21 October, 2021 | Nathan Tetzlaff
Normally, when you place your signature on a contract you agree to be bound by the terms in that contract. However, the law says you cannot be bound by a contract you were induced to sign under duress. Compelling someone to commit to a contract they would not otherwise commit to renders that contract null and void.
What is Duress?
Duress, in a contractual context, refers to a situation where a person is pressured into signing a document they would not have signed without that pressure. The most common form of duress is coercion. That is, when another person threatens you if you don’t sign the contract. A common indication of duress is when understands the decision they are making but are nonetheless acting against their own interests.
For pressure to make a contract null and void, the Court must find that this was “illegitimate pressure”.
A negotiation for a contract may be robust, vigorous, even potentially aggressive. A contract may not result in a good outcome for everyone, nor does the law expect that. Therefore, while negative outcomes for a party in a contract are a red flag, this is not automatically evidence of illegitimate pressure. The Court needs to consider the particular circumstances, and the parties’ behaviour at and before the contract was signed.
What is Illegitimate Pressure?
Where pressure results from a threat, the nature and circumstances of the threat will determine whether the pressure was legitimate or illegitimate. If the threat is unlawful, that will be an example of illegitimate pressure. However, some threats that don’t break the law could nonetheless amount to illegitimate pressure.
Unlawful consequences are those that directly violate the law, such as a threat of violence against you or a threat to break a previous contract. A threat of an unlawful consequence would be considered an illegitimate pressure that could amount to duress.
Lawful consequences are those that do not go against the law, but which may still involve unfavourable outcomes. Therefore, lawful consequences can still be illegitimate pressures if they are made in a threatening way intended to coerce you to sign a contract. For example, if someone threatens to inflict bodily harm upon themselves if you do not agree to the terms of a contract then this may be a lawful consequence that could amount to an illegitimate pressure, and therefore, duress.
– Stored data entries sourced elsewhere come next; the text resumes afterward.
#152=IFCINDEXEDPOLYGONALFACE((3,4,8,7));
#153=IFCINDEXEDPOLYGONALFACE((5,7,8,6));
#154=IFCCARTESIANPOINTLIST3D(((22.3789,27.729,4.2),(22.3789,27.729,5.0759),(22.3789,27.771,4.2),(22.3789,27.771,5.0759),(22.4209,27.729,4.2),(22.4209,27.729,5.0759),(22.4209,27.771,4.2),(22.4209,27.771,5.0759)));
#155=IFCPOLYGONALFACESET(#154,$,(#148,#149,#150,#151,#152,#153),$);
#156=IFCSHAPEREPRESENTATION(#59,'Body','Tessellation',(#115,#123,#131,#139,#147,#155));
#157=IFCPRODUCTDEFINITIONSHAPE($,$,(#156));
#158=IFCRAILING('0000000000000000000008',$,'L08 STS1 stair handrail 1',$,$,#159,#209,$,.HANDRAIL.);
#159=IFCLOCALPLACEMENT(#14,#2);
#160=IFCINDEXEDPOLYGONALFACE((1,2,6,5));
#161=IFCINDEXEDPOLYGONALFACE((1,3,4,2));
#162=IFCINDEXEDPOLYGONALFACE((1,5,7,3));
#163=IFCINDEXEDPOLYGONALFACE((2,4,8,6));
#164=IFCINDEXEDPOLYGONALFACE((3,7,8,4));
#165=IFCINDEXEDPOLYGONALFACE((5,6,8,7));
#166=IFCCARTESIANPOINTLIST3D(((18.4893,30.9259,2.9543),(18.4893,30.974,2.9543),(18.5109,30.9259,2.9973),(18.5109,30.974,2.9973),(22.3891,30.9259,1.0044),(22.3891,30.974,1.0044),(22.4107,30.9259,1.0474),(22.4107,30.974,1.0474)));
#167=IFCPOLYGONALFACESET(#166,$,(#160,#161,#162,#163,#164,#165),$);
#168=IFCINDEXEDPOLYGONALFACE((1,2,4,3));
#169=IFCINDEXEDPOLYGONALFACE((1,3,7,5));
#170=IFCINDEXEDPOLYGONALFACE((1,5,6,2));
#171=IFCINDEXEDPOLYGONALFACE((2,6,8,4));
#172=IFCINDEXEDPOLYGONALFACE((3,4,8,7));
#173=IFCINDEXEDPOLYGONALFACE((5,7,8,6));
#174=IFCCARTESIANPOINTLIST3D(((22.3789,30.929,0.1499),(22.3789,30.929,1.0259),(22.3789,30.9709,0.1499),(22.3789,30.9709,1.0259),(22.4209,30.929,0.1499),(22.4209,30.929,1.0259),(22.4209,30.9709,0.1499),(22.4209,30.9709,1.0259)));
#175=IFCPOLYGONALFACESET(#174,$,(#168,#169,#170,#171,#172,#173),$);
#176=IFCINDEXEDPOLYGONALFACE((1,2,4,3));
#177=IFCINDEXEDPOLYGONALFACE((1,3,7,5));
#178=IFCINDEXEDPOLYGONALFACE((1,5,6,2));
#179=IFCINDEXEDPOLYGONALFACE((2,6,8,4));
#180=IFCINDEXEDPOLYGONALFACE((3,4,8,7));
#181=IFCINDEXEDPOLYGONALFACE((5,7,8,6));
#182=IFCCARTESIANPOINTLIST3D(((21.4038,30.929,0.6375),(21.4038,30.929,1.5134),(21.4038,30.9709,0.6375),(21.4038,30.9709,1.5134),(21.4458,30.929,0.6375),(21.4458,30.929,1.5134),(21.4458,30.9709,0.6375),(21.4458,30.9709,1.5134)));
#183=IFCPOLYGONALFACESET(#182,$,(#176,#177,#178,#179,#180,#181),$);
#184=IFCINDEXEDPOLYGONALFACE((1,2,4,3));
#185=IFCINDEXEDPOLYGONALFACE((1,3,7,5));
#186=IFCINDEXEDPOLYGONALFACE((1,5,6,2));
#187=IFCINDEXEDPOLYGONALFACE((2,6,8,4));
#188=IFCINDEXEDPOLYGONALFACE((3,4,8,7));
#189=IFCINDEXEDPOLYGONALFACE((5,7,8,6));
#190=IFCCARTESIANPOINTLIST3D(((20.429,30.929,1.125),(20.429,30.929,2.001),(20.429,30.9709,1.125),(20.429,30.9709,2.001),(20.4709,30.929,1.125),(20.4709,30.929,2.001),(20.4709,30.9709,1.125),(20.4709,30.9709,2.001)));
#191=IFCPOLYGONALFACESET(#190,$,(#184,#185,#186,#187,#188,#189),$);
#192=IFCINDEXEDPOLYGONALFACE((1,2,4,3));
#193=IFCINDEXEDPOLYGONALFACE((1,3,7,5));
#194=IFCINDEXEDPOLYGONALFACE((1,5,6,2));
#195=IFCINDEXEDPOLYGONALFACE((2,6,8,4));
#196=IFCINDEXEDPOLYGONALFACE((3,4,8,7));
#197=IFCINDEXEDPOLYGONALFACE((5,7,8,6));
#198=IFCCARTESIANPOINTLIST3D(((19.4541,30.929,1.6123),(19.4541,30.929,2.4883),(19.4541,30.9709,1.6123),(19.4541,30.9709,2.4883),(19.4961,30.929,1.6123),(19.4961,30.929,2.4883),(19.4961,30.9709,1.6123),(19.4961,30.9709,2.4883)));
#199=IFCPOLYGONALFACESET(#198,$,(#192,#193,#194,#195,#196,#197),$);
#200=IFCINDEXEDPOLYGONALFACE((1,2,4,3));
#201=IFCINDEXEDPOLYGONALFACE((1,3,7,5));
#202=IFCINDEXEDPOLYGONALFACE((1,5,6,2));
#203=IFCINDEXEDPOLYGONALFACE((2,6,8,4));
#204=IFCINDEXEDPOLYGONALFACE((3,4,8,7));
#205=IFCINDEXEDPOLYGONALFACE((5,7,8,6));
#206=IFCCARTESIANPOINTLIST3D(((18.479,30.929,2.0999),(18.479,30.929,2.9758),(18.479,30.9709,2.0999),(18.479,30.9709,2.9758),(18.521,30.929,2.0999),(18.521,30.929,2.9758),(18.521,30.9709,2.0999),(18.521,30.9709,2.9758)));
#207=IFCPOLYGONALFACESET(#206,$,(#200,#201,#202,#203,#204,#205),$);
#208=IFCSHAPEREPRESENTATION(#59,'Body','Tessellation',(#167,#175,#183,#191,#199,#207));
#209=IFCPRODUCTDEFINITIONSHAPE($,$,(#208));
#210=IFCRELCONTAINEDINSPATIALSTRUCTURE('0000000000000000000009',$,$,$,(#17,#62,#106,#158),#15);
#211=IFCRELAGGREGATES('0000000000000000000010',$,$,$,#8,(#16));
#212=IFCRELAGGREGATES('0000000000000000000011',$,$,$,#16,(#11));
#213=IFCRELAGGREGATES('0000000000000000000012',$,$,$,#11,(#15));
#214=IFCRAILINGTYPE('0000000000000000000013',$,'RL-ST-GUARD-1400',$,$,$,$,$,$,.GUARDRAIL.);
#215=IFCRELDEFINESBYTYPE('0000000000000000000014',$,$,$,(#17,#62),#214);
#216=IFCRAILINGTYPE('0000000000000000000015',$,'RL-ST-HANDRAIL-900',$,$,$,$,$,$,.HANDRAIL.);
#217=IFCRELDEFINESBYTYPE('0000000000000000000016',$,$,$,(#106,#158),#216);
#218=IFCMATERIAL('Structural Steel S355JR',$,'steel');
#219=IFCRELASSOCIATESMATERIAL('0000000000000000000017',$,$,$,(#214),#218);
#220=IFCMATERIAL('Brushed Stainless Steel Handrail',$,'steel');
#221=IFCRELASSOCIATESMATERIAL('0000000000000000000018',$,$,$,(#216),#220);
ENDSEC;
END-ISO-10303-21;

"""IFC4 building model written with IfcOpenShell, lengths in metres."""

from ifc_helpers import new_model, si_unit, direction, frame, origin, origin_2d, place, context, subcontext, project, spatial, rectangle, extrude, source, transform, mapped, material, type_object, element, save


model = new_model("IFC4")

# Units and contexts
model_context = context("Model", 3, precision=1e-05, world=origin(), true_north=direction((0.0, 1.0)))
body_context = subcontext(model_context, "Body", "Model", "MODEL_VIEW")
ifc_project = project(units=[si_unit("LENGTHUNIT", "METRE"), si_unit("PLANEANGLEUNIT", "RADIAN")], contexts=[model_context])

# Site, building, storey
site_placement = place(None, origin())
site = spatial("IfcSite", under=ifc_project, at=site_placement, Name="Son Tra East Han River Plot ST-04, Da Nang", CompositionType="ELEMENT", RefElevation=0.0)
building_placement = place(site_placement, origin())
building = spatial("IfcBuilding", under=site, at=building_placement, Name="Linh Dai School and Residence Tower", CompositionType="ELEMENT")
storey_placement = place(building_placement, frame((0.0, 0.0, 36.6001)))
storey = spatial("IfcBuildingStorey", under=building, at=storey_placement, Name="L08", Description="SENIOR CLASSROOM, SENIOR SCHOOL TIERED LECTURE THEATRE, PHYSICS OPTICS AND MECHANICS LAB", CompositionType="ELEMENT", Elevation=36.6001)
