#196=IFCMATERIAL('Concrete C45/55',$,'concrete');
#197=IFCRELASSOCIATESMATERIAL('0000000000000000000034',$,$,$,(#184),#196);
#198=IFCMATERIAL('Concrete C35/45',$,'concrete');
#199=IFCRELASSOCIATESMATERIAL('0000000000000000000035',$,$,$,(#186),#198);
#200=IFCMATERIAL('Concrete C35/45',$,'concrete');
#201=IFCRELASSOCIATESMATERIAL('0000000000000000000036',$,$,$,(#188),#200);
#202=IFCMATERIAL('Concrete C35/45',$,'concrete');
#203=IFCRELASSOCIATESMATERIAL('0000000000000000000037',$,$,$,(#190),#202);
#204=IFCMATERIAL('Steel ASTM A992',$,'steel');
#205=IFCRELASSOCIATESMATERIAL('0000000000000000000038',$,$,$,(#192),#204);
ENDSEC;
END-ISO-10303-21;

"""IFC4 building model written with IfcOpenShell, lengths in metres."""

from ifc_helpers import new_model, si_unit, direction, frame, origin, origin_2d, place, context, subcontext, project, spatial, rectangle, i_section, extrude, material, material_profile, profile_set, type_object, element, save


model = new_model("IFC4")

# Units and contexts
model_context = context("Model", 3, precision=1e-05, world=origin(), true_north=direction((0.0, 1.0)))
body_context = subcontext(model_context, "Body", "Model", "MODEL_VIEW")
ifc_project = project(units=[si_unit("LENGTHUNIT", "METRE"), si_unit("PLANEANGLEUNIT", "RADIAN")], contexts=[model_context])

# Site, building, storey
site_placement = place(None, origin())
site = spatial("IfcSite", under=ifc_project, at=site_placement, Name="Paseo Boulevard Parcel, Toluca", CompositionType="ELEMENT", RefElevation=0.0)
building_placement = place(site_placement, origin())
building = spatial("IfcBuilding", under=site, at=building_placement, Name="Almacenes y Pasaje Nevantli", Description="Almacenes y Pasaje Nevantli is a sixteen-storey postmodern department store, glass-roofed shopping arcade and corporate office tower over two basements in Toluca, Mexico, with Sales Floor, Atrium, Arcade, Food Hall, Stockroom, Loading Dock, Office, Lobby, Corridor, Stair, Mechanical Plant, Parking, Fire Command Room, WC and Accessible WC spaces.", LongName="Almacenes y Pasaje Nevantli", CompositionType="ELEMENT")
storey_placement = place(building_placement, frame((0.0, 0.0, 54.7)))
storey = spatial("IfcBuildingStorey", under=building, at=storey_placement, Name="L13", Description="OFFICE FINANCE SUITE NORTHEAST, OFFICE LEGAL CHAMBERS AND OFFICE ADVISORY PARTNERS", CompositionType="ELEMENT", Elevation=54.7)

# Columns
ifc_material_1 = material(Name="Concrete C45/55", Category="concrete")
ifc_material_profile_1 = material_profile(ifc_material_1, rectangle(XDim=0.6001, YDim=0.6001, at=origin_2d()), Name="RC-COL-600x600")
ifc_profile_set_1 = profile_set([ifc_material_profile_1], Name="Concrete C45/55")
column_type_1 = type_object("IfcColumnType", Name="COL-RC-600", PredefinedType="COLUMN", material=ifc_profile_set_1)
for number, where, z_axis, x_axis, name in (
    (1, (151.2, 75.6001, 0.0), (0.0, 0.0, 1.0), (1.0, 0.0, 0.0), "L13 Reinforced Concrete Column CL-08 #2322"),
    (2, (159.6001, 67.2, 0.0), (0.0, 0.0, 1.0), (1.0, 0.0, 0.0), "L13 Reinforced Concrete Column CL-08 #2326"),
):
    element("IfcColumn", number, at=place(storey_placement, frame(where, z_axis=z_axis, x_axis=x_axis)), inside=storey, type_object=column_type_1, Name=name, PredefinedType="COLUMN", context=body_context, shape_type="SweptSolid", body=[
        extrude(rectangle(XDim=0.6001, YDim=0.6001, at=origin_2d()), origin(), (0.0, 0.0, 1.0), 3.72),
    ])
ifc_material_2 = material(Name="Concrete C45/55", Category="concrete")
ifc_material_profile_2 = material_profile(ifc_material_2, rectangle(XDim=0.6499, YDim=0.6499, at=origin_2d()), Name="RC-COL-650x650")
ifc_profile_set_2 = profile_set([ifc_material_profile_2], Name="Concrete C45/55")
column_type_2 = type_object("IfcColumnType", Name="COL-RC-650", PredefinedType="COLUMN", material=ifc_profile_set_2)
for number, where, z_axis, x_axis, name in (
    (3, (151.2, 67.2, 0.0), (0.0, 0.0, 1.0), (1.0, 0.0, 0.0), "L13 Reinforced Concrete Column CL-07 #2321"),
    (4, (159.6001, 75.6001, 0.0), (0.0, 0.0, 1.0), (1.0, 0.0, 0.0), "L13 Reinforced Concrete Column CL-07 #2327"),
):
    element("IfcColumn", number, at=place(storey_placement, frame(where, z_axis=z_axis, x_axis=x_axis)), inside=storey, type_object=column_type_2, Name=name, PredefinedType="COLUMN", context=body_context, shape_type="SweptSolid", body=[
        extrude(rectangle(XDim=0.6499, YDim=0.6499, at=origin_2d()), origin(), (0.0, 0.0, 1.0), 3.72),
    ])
How to Prove you Were Under Duress?
To prove you were under duress you must establish that you agreed to a contract because of a threat of illegitimate pressure and would not have signed the contract if the threat did not exist.
Evidence of duress often includes:
- The actions you take to avoid your contractual obligations since signing the contract;
- That the contract was against your interests;
- Identifying the type of pressure or coercion with evidence such as a threatening email or witness statement;
- Showing that but for the pressure, you would not have signed the contract.
What Happens if you are Found to have Signed a Contract Under Duress?
If the Court determines that a contract was signed under duress, that contract is rendered null and void as if it was never signed.